In my code I create two models, one for training and one for validation, very similar as it is done in the Tensorflow Tutorial.
with tf.variable_scope("model", reuse=None, initializer=initializer):
m = PTBModel_User(is_training=True, config=config, name='Training model')
with tf.variable_scope("model", reuse=True, initializer=initializer):
mtest = PTBModel_User(is_training=False, config=config_valid, name='Validation model')
The first model, the one for training, seems to be created just fine, but the second, used for validation, does not. The output gets a None dimension! The row I'm refering to is on row 134 in the linked code:
output = tf.reshape(tf.concat(1, outputs), [-1, size])
I've added these lines right after the reshape of the output:
output_shape = output.get_shape()
print("Model num_steps:", num_steps)
print("Model batch_size:", batch_size)
print("Output dims", output_shape[0], output_shape[1])
and that gives me this:
Model num_steps: 400
Model batch_size: 1
Output dims Dimension(None) Dimension(650)
This problem only happens with the 'validation model', not with the 'training model'. For the 'training model' I get expected output:
Model num_steps: 400
Model batch_size: 2
Output dims Dimension(800) Dimension(650)
(Note that with the 'validation model' I use a batch_size=1 instead of batch_size=2 that I use for the training model)
From what I understand, using -1 as input to the reshape function, will figure the output shape out automagically! But then why do I get None? Nothing in my config fed to the model has a None value.
Thank you for all the help and tips!
TL;DR: A dimension being None simply means that shape inference could not determine an exact shape for the output tensor, at graph-building time. When you run the graph, the tensor will have the appropriate run-time shape.
If you're not interested in how shape inference works, you can stop reading now.
Shape inference applies local rules, based on a "shape function" that takes the shapes of the inputs to an operation and computes (possibly incomplete) shapes for the outputs of an operation. To figure out why tf.reshape() gives an incomplete shape, we have to look at its inputs, and work backwards:
The shape argument to tf.reshape() includes a [-1], which means "figure the output shape automagically" based on the shape of the tensor input.
The tensor input is the output of tf.concat() on the same line.
The inputs to tf.concat() are computed by a tf.mul() in BasicLSTMCell.__call__(). The tf.mul() op multiplies the result of a tf.tanh() and a tf.sigmoid() op.
The tf.tanh() op produces an output of size [?, hidden_size], and the tf.sigmoid() op produces an output of size [batch_size, hidden_size].
The tf.mul() op performs NumPy-style broadcasting. A dimension will only be broadcast if it has size 1. Consider three cases where we compute tf.mul(x, y):
If x has shape [1, 10], and y has shape [5, 10], then broadcasting will happen, and the output shape will be [5, 10].
If x has shape [1, 10], and y has shape [1, 10], then there will be no broadcasting, and the output shape will be [1, 10].

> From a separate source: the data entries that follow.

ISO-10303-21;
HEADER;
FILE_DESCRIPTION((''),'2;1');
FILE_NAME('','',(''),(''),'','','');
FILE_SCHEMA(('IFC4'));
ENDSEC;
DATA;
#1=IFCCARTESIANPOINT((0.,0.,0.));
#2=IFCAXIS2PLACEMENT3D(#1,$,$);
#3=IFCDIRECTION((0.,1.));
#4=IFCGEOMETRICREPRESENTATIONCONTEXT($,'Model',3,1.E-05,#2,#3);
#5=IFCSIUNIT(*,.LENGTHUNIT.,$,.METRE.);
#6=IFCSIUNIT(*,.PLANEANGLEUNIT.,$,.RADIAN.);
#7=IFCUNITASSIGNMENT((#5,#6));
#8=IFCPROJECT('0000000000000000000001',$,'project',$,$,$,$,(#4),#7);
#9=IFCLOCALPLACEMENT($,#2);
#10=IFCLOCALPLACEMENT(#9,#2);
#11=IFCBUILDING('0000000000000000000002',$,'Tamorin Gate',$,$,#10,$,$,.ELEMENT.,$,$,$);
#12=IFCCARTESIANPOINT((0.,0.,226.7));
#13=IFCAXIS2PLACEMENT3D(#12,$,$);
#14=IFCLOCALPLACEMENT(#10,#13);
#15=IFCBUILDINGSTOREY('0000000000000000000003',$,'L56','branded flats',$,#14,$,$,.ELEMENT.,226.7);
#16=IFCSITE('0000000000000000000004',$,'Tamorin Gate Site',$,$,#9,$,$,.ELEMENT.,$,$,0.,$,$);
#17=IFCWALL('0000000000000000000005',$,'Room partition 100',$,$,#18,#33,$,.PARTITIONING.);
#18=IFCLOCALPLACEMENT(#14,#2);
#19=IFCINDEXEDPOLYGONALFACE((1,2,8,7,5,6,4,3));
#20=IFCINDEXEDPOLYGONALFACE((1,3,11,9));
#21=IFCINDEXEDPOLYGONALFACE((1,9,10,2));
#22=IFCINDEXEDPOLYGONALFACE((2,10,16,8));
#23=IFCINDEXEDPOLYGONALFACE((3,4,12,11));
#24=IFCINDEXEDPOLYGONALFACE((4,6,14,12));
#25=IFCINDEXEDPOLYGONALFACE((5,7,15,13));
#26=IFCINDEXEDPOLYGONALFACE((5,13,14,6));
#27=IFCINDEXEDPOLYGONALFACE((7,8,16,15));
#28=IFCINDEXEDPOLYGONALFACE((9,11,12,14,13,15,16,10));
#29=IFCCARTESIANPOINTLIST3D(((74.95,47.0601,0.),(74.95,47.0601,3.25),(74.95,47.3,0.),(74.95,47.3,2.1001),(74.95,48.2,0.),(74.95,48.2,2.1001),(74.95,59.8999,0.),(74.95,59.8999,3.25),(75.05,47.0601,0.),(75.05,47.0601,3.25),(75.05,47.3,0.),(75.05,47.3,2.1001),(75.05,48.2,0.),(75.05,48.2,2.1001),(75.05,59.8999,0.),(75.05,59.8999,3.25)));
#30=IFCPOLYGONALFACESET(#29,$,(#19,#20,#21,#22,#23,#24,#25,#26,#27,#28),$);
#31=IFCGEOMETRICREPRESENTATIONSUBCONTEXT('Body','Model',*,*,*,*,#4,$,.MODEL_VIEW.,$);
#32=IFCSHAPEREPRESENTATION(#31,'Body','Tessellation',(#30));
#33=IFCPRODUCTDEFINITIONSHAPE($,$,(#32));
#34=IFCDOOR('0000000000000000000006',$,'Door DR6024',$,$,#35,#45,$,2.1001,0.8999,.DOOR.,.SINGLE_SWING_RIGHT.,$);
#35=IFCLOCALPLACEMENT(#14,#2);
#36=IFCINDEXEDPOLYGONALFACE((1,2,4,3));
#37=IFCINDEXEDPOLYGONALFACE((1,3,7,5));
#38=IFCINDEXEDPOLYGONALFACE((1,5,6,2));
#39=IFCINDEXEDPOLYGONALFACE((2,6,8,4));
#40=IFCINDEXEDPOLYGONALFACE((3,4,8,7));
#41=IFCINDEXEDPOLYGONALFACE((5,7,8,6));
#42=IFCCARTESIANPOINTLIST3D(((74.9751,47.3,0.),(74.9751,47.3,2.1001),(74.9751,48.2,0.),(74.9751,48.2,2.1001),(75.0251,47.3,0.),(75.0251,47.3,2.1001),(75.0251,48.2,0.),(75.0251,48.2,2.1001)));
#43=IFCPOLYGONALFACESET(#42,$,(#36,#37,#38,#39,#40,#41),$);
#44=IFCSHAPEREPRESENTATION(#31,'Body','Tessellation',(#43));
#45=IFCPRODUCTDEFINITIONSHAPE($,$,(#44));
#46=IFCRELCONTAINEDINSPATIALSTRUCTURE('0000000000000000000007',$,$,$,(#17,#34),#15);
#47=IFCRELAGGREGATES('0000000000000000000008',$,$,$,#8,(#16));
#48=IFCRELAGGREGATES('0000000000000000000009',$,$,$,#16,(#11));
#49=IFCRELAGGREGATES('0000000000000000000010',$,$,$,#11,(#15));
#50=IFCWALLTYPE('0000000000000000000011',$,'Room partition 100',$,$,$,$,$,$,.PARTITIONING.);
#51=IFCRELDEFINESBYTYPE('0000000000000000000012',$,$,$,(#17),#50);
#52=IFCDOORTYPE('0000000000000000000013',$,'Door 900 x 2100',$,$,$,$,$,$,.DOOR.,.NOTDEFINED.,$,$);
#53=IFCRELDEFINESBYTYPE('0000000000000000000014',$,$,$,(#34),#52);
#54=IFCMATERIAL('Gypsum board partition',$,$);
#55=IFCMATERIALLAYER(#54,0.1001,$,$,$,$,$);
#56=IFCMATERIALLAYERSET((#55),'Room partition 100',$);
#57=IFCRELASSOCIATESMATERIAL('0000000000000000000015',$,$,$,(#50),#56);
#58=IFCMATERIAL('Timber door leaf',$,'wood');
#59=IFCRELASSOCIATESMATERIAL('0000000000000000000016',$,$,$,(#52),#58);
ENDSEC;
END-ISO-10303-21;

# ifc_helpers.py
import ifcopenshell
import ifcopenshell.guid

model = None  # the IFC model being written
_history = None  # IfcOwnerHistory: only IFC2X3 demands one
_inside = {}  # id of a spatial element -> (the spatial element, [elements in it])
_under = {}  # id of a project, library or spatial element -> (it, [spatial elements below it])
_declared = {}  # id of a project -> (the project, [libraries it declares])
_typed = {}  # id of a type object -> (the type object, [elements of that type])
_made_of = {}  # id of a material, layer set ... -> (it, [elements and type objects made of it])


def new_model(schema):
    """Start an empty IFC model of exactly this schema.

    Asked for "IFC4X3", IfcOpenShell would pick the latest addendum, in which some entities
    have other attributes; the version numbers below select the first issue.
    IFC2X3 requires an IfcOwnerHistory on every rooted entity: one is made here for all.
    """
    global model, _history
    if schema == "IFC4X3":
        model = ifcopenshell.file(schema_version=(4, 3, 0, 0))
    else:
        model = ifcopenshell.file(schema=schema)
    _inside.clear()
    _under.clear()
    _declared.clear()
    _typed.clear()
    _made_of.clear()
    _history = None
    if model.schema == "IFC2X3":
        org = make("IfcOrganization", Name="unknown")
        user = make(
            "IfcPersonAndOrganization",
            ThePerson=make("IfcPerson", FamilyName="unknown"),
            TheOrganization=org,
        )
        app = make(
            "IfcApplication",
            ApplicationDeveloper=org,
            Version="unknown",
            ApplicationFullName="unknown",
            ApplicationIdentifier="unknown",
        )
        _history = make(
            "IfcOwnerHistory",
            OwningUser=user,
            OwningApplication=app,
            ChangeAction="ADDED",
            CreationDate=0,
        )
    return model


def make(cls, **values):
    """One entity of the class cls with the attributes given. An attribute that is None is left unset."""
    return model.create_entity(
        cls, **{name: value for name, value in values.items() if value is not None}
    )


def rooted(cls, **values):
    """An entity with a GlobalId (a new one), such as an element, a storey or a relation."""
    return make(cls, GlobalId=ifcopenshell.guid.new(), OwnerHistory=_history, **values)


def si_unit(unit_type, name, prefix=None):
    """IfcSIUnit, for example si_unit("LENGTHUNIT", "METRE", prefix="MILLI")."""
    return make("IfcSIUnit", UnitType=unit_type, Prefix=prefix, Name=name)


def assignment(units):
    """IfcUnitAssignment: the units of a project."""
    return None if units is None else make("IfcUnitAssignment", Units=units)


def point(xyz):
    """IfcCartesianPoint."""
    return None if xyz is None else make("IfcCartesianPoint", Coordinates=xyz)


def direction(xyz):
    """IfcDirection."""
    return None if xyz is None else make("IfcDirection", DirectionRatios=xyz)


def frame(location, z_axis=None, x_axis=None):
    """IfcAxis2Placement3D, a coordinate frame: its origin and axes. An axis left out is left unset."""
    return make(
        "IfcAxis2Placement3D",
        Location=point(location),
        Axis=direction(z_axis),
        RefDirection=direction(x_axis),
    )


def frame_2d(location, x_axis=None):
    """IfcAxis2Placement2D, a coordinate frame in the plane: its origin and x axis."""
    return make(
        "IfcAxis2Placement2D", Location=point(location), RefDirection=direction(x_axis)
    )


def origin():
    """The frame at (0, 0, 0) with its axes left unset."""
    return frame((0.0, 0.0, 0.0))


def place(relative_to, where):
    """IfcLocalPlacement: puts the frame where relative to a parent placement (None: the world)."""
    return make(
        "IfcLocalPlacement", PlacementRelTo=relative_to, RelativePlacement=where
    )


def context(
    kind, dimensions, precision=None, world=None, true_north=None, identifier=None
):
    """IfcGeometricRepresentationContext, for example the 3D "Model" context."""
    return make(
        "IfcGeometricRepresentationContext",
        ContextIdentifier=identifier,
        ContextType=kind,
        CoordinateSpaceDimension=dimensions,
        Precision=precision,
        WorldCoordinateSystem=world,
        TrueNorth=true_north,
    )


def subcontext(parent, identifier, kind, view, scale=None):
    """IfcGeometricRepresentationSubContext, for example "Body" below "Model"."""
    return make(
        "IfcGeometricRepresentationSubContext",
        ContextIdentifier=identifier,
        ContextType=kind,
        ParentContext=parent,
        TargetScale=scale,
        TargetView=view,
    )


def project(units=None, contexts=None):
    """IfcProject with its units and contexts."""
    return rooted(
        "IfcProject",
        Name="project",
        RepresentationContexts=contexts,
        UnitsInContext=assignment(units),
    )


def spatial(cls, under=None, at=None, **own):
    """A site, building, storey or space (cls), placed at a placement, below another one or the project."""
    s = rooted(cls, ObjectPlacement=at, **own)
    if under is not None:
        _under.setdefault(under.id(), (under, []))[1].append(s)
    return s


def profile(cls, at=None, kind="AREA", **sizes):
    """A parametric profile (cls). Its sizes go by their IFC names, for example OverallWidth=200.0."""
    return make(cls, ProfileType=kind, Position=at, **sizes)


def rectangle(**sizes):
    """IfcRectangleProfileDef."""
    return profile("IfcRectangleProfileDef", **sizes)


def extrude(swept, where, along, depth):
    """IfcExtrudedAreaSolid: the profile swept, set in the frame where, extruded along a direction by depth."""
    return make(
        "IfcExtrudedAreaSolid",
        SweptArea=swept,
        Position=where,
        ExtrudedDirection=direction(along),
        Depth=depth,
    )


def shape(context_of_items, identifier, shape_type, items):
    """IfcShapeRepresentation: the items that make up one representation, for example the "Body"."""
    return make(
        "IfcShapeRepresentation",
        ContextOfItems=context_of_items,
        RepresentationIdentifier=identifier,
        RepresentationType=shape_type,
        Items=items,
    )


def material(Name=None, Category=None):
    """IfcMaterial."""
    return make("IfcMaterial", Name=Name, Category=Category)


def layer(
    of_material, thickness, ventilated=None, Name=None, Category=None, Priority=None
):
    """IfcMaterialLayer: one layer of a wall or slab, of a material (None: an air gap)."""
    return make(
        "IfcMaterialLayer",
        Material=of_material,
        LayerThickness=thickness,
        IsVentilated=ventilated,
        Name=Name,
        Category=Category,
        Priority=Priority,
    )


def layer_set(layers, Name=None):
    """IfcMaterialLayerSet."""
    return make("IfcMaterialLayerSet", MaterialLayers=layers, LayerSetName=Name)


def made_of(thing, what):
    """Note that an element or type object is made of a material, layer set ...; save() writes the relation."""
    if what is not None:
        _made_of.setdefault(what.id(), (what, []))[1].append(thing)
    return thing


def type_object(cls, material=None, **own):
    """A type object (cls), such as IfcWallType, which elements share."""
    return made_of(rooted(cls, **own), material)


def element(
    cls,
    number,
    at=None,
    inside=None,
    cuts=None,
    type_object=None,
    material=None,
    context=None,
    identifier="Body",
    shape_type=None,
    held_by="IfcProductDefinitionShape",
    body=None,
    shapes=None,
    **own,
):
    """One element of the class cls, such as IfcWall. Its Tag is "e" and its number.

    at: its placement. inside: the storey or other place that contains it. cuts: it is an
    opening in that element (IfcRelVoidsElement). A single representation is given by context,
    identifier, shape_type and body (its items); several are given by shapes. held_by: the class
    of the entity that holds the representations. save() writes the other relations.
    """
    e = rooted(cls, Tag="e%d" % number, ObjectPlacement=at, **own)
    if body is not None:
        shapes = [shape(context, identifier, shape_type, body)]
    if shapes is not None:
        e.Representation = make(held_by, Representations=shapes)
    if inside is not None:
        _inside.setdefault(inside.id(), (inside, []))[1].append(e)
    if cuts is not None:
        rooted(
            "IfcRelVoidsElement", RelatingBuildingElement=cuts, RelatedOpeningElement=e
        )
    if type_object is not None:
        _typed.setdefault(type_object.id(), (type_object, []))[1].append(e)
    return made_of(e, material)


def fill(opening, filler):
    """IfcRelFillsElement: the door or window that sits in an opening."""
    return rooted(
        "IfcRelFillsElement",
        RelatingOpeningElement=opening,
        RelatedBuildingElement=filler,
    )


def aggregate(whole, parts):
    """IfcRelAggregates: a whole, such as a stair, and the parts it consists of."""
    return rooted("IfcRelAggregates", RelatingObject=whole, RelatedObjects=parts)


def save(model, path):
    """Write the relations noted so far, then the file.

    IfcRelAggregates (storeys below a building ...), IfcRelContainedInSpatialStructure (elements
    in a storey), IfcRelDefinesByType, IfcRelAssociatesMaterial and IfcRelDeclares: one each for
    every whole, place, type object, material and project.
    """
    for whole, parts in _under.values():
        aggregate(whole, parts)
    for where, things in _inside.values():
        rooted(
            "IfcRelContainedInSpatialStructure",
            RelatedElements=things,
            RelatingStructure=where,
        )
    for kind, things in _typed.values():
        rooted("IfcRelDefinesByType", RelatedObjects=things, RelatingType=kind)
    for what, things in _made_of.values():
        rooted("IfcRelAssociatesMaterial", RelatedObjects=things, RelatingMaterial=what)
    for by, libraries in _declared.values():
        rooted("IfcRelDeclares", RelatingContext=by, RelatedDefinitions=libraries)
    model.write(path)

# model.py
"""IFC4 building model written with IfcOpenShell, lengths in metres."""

from ifc_helpers import new_model, si_unit, direction, frame, frame_2d, origin, place, context, subcontext, project, spatial, rectangle, extrude, material, layer, layer_set, type_object, element, fill, save


model = new_model("IFC4")

# Units and contexts
model_context = context("Model", 3, precision=1e-05, world=origin(), true_north=direction((0.0, 1.0)))
body_context = subcontext(model_context, "Body", "Model", "MODEL_VIEW")
ifc_project = project(units=[si_unit("LENGTHUNIT", "METRE"), si_unit("PLANEANGLEUNIT", "RADIAN")], contexts=[model_context])

# Site, building, storey
site_placement = place(None, origin())
site = spatial("IfcSite", under=ifc_project, at=site_placement, Name="Tamorin Gate Site", CompositionType="ELEMENT", RefElevation=0.0)
building_placement = place(site_placement, origin())
building = spatial("IfcBuilding", under=site, at=building_placement, Name="Tamorin Gate", CompositionType="ELEMENT")
storey_placement = place(building_placement, frame((0.0, 0.0, 226.7)))
storey = spatial("IfcBuildingStorey", under=building, at=storey_placement, Name="L56", Description="branded flats", CompositionType="ELEMENT", Elevation=226.7)

# Shared definitions
ifc_material_1 = material(Name="Gypsum board partition")
ifc_layer_1 = layer(ifc_material_1, 0.1001)
ifc_layer_set_1 = layer_set([ifc_layer_1], Name="Room partition 100")
wall_type_1 = type_object("IfcWallType", Name="Room partition 100", PredefinedType="PARTITIONING", material=ifc_layer_set_1)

However, if x has shape [1, 10], and y has shape [?, 10], there is insufficient static information to tell whether broadcasting will happen (even though we happen to know that case 2 applies at runtime).
Therefore, when batch_size is 1, the tf.mul() op produces an output with the shape [?, hidden_size]; but when batch_size is greater than 1, the output shape is [batch_size, hidden_size].
Where shape inference breaks down, it can be appropriate to use the Tensor.set_shape() method to add information. This would potentially be useful in the BasicLSTMCell implementation, where we know more than it is possible to infer about the shapes of the outputs.